05/12/2026
The Wigtown Martyrs, Margaret Maclauchlan and Margaret Wilson, were Scottish Covenanters who were executed by Scottish Episcopalians on 11 May, 1685 in Wigtown, Scotland, for refusing to swear the Oath of Supremacy declaring James VII of Scotland as head of the church.
Today marks the anniversary of one of the most haunting and unforgettable martyrdoms in Scotland’s covenanting history: the death of the Two Margarets at Wigtown, on the Solway coast, on 11 May 1685.
In the little town of Wigtown, four female prisoners are especially remembered. There was Margaret Maxwell, a woman in her twenties; Margaret McLauchlane, an elderly woman of around sixty; and two sisters, Margaret Wilson, aged eighteen, and Agnes Wilson, only thirteen.
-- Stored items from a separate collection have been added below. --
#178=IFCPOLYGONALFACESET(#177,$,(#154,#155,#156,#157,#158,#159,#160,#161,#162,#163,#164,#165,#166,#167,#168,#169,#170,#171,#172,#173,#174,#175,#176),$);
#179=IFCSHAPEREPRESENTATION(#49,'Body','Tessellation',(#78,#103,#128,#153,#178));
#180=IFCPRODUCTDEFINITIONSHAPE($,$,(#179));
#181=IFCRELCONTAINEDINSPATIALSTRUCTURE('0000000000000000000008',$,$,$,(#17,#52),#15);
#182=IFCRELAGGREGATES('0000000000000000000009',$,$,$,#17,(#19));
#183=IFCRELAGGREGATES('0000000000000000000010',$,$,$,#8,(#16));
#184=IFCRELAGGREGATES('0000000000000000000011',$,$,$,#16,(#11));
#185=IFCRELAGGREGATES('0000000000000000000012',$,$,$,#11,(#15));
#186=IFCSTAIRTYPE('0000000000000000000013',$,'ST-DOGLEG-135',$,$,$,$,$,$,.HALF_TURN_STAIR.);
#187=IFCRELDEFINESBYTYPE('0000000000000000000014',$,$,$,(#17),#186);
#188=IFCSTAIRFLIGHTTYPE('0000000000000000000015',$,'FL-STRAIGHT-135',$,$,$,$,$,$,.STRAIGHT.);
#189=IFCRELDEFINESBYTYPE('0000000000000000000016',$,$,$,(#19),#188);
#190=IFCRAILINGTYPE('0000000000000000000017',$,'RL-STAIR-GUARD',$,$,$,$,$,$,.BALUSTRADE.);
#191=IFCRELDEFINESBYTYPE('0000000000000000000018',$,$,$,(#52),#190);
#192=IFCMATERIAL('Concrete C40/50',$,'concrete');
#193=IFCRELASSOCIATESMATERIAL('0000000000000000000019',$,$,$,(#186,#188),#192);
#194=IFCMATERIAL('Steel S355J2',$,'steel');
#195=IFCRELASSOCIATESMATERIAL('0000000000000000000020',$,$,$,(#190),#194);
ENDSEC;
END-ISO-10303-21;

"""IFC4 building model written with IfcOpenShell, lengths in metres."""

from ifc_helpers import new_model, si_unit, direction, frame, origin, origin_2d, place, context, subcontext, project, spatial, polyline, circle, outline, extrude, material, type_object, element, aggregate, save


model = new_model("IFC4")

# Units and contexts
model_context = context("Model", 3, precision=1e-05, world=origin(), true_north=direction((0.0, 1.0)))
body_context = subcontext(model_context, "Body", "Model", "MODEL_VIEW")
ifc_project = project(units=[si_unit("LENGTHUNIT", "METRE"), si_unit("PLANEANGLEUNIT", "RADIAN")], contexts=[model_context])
Margaret Maxwell was accused of the lesser charge of being a Covenanter sympathiser. Yet even that brought brutal punishment. She was flogged through the streets and forced to stand in the jougs — an iron collar, often chained to church walls — for an hour each day over three days. Examples of these cruel instruments can still be seen today at parish churches such as Fenwick, Sorn, and Dunsyre.
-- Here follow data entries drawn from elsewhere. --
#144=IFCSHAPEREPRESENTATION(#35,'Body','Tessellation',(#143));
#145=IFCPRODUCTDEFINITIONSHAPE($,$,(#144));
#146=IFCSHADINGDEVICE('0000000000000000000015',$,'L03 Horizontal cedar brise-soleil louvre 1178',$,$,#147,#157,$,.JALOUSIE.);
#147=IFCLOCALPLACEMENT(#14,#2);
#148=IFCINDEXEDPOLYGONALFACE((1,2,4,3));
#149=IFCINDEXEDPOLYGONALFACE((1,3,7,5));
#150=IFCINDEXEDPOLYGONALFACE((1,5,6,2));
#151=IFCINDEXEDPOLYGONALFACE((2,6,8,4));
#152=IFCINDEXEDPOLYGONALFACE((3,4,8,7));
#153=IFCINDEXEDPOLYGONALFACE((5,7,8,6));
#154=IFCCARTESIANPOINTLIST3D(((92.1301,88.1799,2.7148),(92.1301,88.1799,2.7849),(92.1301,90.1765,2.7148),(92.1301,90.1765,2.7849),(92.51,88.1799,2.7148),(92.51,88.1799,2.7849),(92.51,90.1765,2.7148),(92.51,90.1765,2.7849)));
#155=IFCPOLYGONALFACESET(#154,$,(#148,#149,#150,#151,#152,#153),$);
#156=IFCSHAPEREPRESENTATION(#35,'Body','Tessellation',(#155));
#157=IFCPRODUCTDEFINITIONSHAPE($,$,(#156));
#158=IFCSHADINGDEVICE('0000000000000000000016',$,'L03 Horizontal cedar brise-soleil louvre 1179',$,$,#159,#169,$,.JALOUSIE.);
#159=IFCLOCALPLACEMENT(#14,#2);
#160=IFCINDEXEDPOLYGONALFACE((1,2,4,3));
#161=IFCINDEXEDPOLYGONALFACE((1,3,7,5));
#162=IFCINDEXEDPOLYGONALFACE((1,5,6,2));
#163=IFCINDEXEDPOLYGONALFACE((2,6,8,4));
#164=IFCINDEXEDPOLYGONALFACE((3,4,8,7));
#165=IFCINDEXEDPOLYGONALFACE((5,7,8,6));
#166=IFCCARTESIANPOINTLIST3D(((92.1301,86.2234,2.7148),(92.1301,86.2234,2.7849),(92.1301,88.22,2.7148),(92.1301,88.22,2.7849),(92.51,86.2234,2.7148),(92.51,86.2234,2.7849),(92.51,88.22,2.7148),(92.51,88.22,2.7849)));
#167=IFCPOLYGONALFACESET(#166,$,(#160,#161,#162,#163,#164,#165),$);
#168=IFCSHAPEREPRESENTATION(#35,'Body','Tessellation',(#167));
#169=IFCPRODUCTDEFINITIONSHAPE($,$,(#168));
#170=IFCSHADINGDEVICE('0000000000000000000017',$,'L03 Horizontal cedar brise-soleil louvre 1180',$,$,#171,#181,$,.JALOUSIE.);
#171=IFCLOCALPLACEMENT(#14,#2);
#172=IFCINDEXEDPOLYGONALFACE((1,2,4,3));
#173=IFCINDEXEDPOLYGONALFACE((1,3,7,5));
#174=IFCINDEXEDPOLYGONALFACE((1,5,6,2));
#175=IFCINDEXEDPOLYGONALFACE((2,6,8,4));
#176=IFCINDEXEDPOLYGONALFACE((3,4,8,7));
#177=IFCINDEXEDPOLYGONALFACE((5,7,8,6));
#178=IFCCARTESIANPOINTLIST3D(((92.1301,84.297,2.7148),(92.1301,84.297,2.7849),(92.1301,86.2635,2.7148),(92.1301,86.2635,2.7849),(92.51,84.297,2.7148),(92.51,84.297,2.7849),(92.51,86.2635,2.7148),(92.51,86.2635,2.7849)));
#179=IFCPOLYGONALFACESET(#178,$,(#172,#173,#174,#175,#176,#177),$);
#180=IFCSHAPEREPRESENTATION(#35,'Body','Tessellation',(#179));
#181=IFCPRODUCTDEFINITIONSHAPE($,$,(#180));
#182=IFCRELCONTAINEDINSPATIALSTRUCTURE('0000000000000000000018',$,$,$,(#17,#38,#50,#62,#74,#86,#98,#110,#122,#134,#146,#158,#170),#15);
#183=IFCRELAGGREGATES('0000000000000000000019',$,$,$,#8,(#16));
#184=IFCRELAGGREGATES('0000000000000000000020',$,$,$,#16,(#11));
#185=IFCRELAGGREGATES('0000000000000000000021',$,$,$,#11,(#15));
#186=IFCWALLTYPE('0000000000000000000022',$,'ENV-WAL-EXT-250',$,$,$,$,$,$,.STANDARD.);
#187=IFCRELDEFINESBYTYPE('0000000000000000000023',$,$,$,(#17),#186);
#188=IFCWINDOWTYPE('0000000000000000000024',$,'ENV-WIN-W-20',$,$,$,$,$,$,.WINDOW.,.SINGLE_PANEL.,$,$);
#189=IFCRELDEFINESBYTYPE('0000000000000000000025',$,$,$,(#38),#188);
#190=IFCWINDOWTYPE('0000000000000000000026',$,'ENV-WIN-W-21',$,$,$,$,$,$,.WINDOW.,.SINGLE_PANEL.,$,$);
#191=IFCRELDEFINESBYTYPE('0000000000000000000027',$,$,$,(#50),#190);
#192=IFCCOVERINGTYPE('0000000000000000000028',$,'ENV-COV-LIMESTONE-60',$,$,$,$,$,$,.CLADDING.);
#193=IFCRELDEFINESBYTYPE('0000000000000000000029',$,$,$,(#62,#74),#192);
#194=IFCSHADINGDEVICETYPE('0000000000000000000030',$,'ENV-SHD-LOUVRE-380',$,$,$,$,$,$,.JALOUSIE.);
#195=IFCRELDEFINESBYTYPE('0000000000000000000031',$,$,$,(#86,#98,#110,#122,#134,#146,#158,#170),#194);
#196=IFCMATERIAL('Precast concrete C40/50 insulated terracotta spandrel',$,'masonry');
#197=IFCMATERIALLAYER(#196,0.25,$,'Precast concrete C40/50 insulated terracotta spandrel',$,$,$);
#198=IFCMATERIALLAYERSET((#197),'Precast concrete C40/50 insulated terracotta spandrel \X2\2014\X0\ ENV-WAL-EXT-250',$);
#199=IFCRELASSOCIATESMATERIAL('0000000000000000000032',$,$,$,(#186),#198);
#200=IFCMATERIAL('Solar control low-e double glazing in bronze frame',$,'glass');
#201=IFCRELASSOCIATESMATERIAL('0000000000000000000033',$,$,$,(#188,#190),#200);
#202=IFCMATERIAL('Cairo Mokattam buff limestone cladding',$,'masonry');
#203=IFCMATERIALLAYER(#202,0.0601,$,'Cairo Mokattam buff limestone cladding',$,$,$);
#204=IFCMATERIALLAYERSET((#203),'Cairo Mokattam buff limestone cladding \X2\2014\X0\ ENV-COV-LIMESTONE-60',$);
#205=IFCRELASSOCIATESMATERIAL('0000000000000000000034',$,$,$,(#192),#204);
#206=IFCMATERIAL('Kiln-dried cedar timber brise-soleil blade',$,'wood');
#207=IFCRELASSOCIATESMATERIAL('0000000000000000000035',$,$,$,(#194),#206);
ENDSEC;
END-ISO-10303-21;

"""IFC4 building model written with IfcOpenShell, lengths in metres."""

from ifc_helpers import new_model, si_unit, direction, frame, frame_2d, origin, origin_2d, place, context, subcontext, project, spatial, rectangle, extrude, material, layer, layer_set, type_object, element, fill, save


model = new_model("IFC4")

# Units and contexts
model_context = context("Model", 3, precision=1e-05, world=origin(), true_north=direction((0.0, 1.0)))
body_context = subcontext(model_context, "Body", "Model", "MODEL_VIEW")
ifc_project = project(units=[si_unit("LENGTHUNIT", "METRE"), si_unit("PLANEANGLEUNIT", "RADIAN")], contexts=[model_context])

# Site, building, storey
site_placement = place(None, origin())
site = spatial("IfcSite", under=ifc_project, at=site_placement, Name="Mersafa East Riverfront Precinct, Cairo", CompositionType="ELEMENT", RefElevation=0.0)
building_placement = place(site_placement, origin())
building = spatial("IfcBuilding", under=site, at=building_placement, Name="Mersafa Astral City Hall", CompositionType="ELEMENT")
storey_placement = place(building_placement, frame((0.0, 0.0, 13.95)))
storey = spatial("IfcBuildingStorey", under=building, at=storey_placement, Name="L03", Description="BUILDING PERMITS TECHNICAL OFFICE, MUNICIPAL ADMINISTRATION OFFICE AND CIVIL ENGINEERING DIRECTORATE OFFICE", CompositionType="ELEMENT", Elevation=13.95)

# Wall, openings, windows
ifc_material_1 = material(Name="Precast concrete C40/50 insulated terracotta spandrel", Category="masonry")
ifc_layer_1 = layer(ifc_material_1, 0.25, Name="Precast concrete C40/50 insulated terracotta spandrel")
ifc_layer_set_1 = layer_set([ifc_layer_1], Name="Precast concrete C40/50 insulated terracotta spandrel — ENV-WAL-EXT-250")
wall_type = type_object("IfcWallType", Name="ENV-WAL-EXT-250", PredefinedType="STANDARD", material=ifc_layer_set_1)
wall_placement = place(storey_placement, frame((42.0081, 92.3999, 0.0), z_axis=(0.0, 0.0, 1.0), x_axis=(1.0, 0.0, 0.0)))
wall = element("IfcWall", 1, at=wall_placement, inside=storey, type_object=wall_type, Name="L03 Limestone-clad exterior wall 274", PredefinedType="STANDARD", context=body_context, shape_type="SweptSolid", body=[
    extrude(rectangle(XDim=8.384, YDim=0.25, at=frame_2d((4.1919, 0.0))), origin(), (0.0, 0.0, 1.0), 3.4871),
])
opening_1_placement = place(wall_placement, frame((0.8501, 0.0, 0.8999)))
Yet Margaret Maxwell did not shrink in shame. When the hangman offered to shorten her time in the jougs, she answered with remarkable dignity:
“Let the clock go on. I am neither wearied nor ashamed.”
The other three women faced more serious accusations. They were charged with attending field conventicles and with connection to the battles of Airds Moss and Bothwell Bridge — charges especially absurd in the case of the Wilson sisters, who would have been only thirteen and eight years old at the time of those events.
Young Agnes Wilson was eventually released after her father travelled all the way to Edinburgh and paid a bond of £100. But her sister Margaret, only eighteen, remained in the prison dungeon at Wigtown alongside the elderly Margaret McLauchlane.
From that dark and dismal place, soldiers led the two Margarets to the banks of the Bladnoch Burn, where it runs into the Solway Firth. The Solway tide was notorious for its terrifying speed, said to rush in faster than a horse could gallop, sometimes rising like a wall of water.
There, two stakes were driven into the sand. Margaret McLauchlane, the older woman, was tied to the stake farther out. Margaret Wilson was tied nearer the bank, forced to watch as the waters reached the elder saint first.
As the cold tide rose around Margaret McLauchlane, young Margaret Wilson was asked:
“What do you think of her now?”
Her answer was full of faith:
“I think I see Christ wrestling there.”
Then she added words that have echoed through the centuries:
“Think ye that we are sufferers? No. It is Christ in us. For He sends no one a warfare on his own charge.”
As the waters gathered around her own body, Margaret began to sing from Psalm 25:
“My sins and faults of youth,
Do Thou, O Lord, forget;
In loving kindness think on me,
And for Thy goodness great.”
When the water covered her head, the soldiers pulled her out, not in mercy, but to tempt her again. They demanded that she do what, in conscience, she could not do: take the oath and pray for the King on their terms.
She replied that she desired the salvation of all and the damnation of none.
Again they thrust her beneath the water. Again they dragged her up, pleading and pressuring her to yield.
“Oh Margaret, say it,” some cried.
With what strength remained, she whispered:
“Lord, give him repentance, forgiveness, and salvation, if it be Thy holy will.”
But this was not enough for her persecutors. Grierson of Lagg, impatient and enraged, pressed the oaths upon her once more. Margaret’s answer was firm:
“No, no. No sinful oaths for me. I am one of Christ’s children. Let me go.”
At that, a soldier struck her on the head with the butt of his weapon and forced her beneath the water until she drowned.
The Two Margarets were later buried in Wigtown Parish Kirkyard, in the part of the churchyard then reserved for criminals.